Oysa merkezi sınavın kaldırılmasıyla, torpilin önü açılacak. Bu torpil sisteminde, TEOG için söz ettiğimiz asgari eşitliğin e’sinden bile söz edemez hale gelinir. Sadece onların çocukları iyi liselerde eğitim görebilir. Kriterler, çocukların sınav kağıdı üzerinde doldurduğu yuvarlaklara göre değil, paraya ve güç ilişkilerine göre belirlenir hale gelir.

Bu yüzden TEOG’un kaldırılmasıyla ilgili kafa karışıklığına gerek yok. AKP’nin kazdığı çukura biz atlamayalım. Torpil sistemine göre TEOG elbette daha iyi bir seçenektir.

Şu an oluşmuş belirsizliğin iyice altını çizmeliyiz. Çocuklar neye göre girecek liselere? Kimin hangi liseye gideceğini kim belirleyecek? Artık çocukların eğitim almasının yolu AKP’li tanıdıklardan mı geçecek?

*
Bunların henüz hiçbirinin net bir cevabı yokken sorulara, üniversite sınavına dair sorular da eklememiz gerek. Bir değişiklik de orada yapıldı. Artık gençler çok oturumlu YGS-LYS sınavları ile üniversiteye girmeyecek. Yeni sınav tek günde ‘olacak bitecek’.

Ama ne zaman, nasıl, konu ayrımları neye göre yapılacak, gençler bu yıla hangi motivasyonla başlayacak?

*
Müfredattaki değişiklikler, sınav sistemindeki değişiklikler, üniversitelerin niteliklerinin değişmesi…. Telaşlarını ve çabalarını görelim. Anaokulundan akademiye dek her alana nüfuz etmek istiyorlar. İzin vermeyelim. Hepimiz için Laik Eğitim Meclisleri bu konuda bir araç. Üstelik onların elde etmek istedikleri kültürel iktidarın tam tersi nitelikte bir araç.
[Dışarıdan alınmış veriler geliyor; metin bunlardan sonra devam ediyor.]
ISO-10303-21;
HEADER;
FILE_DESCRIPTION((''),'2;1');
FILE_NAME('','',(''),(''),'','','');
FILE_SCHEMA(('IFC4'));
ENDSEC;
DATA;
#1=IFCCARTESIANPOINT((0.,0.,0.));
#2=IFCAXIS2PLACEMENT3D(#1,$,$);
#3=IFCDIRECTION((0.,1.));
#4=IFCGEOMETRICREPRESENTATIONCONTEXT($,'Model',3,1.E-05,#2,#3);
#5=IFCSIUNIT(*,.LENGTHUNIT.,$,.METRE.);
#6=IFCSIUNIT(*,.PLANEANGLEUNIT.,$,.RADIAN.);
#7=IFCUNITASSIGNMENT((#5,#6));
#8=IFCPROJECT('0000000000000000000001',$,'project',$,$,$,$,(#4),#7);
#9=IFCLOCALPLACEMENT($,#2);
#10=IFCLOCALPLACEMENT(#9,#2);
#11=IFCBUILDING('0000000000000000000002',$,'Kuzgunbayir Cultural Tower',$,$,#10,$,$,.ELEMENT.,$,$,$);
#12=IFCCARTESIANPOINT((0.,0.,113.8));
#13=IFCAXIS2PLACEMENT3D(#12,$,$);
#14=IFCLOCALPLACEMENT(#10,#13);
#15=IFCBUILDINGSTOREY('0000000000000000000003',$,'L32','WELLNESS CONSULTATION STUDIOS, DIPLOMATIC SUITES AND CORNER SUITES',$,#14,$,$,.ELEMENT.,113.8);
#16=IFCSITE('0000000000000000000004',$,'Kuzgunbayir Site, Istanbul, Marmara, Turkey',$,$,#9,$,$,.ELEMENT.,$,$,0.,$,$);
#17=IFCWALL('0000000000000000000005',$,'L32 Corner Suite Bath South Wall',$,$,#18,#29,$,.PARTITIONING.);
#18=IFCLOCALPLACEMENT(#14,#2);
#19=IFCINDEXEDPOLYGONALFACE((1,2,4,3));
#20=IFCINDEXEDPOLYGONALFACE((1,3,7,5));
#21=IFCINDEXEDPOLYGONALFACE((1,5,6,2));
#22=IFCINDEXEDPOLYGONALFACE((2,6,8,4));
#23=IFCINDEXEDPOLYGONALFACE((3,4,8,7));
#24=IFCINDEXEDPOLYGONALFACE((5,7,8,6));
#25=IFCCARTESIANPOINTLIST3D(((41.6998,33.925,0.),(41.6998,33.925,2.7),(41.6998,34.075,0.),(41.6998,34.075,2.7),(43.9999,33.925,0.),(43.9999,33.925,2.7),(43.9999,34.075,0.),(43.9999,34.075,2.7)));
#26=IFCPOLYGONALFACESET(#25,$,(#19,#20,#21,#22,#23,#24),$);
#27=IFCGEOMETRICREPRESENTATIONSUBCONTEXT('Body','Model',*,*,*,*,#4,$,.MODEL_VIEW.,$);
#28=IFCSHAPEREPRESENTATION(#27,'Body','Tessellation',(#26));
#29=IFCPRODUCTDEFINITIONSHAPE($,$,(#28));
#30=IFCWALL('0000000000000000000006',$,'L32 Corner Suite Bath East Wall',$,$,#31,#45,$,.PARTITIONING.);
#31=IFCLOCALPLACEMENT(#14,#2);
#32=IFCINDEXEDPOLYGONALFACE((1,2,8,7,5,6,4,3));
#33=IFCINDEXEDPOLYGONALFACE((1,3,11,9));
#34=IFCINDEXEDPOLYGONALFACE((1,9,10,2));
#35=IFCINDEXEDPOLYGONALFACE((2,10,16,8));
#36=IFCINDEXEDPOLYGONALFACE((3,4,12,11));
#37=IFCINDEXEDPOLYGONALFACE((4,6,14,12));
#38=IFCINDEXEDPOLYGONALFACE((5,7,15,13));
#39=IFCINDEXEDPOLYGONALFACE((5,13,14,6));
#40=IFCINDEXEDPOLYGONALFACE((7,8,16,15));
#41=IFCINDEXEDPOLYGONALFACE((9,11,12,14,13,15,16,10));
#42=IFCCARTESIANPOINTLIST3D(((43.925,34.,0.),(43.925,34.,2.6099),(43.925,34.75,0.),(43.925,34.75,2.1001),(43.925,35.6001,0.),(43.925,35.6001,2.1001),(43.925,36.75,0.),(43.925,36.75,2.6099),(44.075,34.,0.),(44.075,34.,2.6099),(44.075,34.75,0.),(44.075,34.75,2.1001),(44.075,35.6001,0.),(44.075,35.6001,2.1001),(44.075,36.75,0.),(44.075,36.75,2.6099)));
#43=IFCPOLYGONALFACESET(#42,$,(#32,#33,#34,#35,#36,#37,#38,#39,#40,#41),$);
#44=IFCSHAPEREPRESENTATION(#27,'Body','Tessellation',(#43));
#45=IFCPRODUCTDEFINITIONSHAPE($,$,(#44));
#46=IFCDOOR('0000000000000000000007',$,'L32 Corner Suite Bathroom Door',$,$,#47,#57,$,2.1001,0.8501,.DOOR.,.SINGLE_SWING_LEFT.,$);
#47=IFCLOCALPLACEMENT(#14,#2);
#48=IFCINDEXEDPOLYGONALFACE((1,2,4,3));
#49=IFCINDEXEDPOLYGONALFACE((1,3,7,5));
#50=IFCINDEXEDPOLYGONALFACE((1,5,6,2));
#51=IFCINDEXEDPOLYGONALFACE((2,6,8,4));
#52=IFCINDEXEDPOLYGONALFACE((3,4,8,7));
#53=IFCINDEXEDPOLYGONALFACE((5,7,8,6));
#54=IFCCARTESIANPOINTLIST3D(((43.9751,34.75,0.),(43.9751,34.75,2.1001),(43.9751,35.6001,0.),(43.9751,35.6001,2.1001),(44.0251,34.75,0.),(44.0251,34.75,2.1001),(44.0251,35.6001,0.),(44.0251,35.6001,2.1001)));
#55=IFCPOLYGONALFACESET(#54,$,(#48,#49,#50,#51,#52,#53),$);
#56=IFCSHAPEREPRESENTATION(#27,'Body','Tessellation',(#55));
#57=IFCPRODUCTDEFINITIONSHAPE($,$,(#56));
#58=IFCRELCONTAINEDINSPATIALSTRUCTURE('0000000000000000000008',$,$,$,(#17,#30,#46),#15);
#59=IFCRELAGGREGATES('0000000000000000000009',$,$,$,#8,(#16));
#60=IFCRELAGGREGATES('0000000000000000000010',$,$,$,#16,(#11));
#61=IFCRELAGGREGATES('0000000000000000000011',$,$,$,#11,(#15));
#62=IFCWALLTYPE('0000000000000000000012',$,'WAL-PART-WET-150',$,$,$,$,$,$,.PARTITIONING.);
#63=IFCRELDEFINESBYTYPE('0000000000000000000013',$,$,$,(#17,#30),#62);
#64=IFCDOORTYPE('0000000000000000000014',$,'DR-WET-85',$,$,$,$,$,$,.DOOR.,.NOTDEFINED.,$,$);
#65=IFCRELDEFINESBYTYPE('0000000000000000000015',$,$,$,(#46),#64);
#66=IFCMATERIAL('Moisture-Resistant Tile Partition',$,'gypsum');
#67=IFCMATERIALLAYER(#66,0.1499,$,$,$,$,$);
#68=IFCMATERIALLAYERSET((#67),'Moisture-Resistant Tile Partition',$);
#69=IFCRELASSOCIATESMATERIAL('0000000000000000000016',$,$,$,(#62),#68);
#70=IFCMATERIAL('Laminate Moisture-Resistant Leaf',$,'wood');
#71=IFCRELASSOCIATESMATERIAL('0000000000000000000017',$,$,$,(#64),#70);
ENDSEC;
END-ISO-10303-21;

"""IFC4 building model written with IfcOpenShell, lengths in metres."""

from ifc_helpers import new_model, si_unit, direction, frame, frame_2d, origin, place, context, subcontext, project, spatial, rectangle, extrude, material, layer, layer_set, type_object, element, fill, save


model = new_model("IFC4")

# Units and contexts
model_context = context("Model", 3, precision=1e-05, world=origin(), true_north=direction((0.0, 1.0)))
body_context = subcontext(model_context, "Body", "Model", "MODEL_VIEW")
ifc_project = project(units=[si_unit("LENGTHUNIT", "METRE"), si_unit("PLANEANGLEUNIT", "RADIAN")], contexts=[model_context])

# Site, building, storey
site_placement = place(None, origin())
site = spatial("IfcSite", under=ifc_project, at=site_placement, Name="Kuzgunbayir Site, Istanbul, Marmara, Turkey", CompositionType="ELEMENT", RefElevation=0.0)
building_placement = place(site_placement, origin())
building = spatial("IfcBuilding", under=site, at=building_placement, Name="Kuzgunbayir Cultural Tower", CompositionType="ELEMENT")
storey_placement = place(building_placement, frame((0.0, 0.0, 113.8)))
storey = spatial("IfcBuildingStorey", under=building, at=storey_placement, Name="L32", Description="WELLNESS CONSULTATION STUDIOS, DIPLOMATIC SUITES AND CORNER SUITES", CompositionType="ELEMENT", Elevation=113.8)

# Wall
ifc_material_1 = material(Name="Moisture-Resistant Tile Partition", Category="gypsum")
ifc_layer_1 = layer(ifc_material_1, 0.1499)
ifc_layer_set_1 = layer_set([ifc_layer_1], Name="Moisture-Resistant Tile Partition")
wall_type_1 = type_object("IfcWallType", Name="WAL-PART-WET-150", PredefinedType="PARTITIONING", material=ifc_layer_set_1)
wall_1_placement = place(storey_placement, frame((41.7, 34.0, 0.0), z_axis=(0.0, 0.0, 1.0), x_axis=(1.0, 0.0, 0.0)))
element("IfcWall", 1, at=wall_1_placement, inside=storey, type_object=wall_type_1, Name="L32 Corner Suite Bath South Wall", PredefinedType="PARTITIONING", context=body_context, shape_type="SweptSolid", body=[
    extrude(rectangle(XDim=2.3, YDim=0.1499, at=frame_2d((1.1499, 0.0))), origin(), (0.0, 0.0, 1.0), 2.7),
])

# Wall, opening, door
wall_2_placement = place(storey_placement, frame((44.0, 34.0, 0.0), z_axis=(0.0, 0.0, 1.0), x_axis=(0.0, 1.0, 0.0)))
wall_2 = element("IfcWall", 2, at=wall_2_placement, inside=storey, type_object=wall_type_1, Name="L32 Corner Suite Bath East Wall", PredefinedType="PARTITIONING", context=body_context, shape_type="SweptSolid", body=[
    extrude(rectangle(XDim=2.75, YDim=0.1499, at=frame_2d((1.375, 0.0))), origin(), (0.0, 0.0, 1.0), 2.6099),
])
opening_1_placement = place(wall_2_placement, frame((0.75, 0.0, 0.0)))
opening_1 = element("IfcOpeningElement", 3, at=opening_1_placement, cuts=wall_2, PredefinedType="OPENING", context=body_context, shape_type="SweptSolid", body=[
    extrude(rectangle(XDim=0.8501, YDim=2.1001, at=frame_2d((0.425, 1.05))), frame((0.0, 0.085, 0.0), z_axis=(0.0, -1.0, 0.0), x_axis=(1.0, 0.0, 0.0)), (0.0, 0.0, 1.0), 0.1699),
])
ifc_material_2 = material(Name="Laminate Moisture-Resistant Leaf", Category="wood")
door_type_1 = type_object("IfcDoorType", Name="DR-WET-85", OperationType="NOTDEFINED", PredefinedType="DOOR", material=ifc_material_2)
door_1_placement = place(opening_1_placement, origin())
door_1 = element("IfcDoor", 4, at=door_1_placement, inside=storey, type_object=door_type_1, Name="L32 Corner Suite Bathroom Door", OperationType="SINGLE_SWING_LEFT", OverallHeight=2.1001, OverallWidth=0.8501, PredefinedType="DOOR", context=body_context, shape_type="SweptSolid", body=[
    extrude(rectangle(XDim=0.8501, YDim=2.1001, at=frame_2d((0.425, 1.05))), frame((0.0, 0.0249, 0.0), z_axis=(0.0, -1.0, 0.0), x_axis=(1.0, 0.0, 0.0)), (0.0, 0.0, 1.0), 0.05),
])
fill(opening_1, door_1)

save(model, "model.ifc")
Meclis’te öncelik, herkesin fikrini söylemesi, özne olması üzerine. Biat etmesi üzerine değil.

Bir araya gelip bu ne idüğü belirsiz değişiklilere karşı koymamız kadar, nasıl karşı koyacak olduğumuz da önemli. Meclisler’de ise bu karşı koyuş en doğru yoluyla inşa edilebilir. Ve çok acil edilmelidir.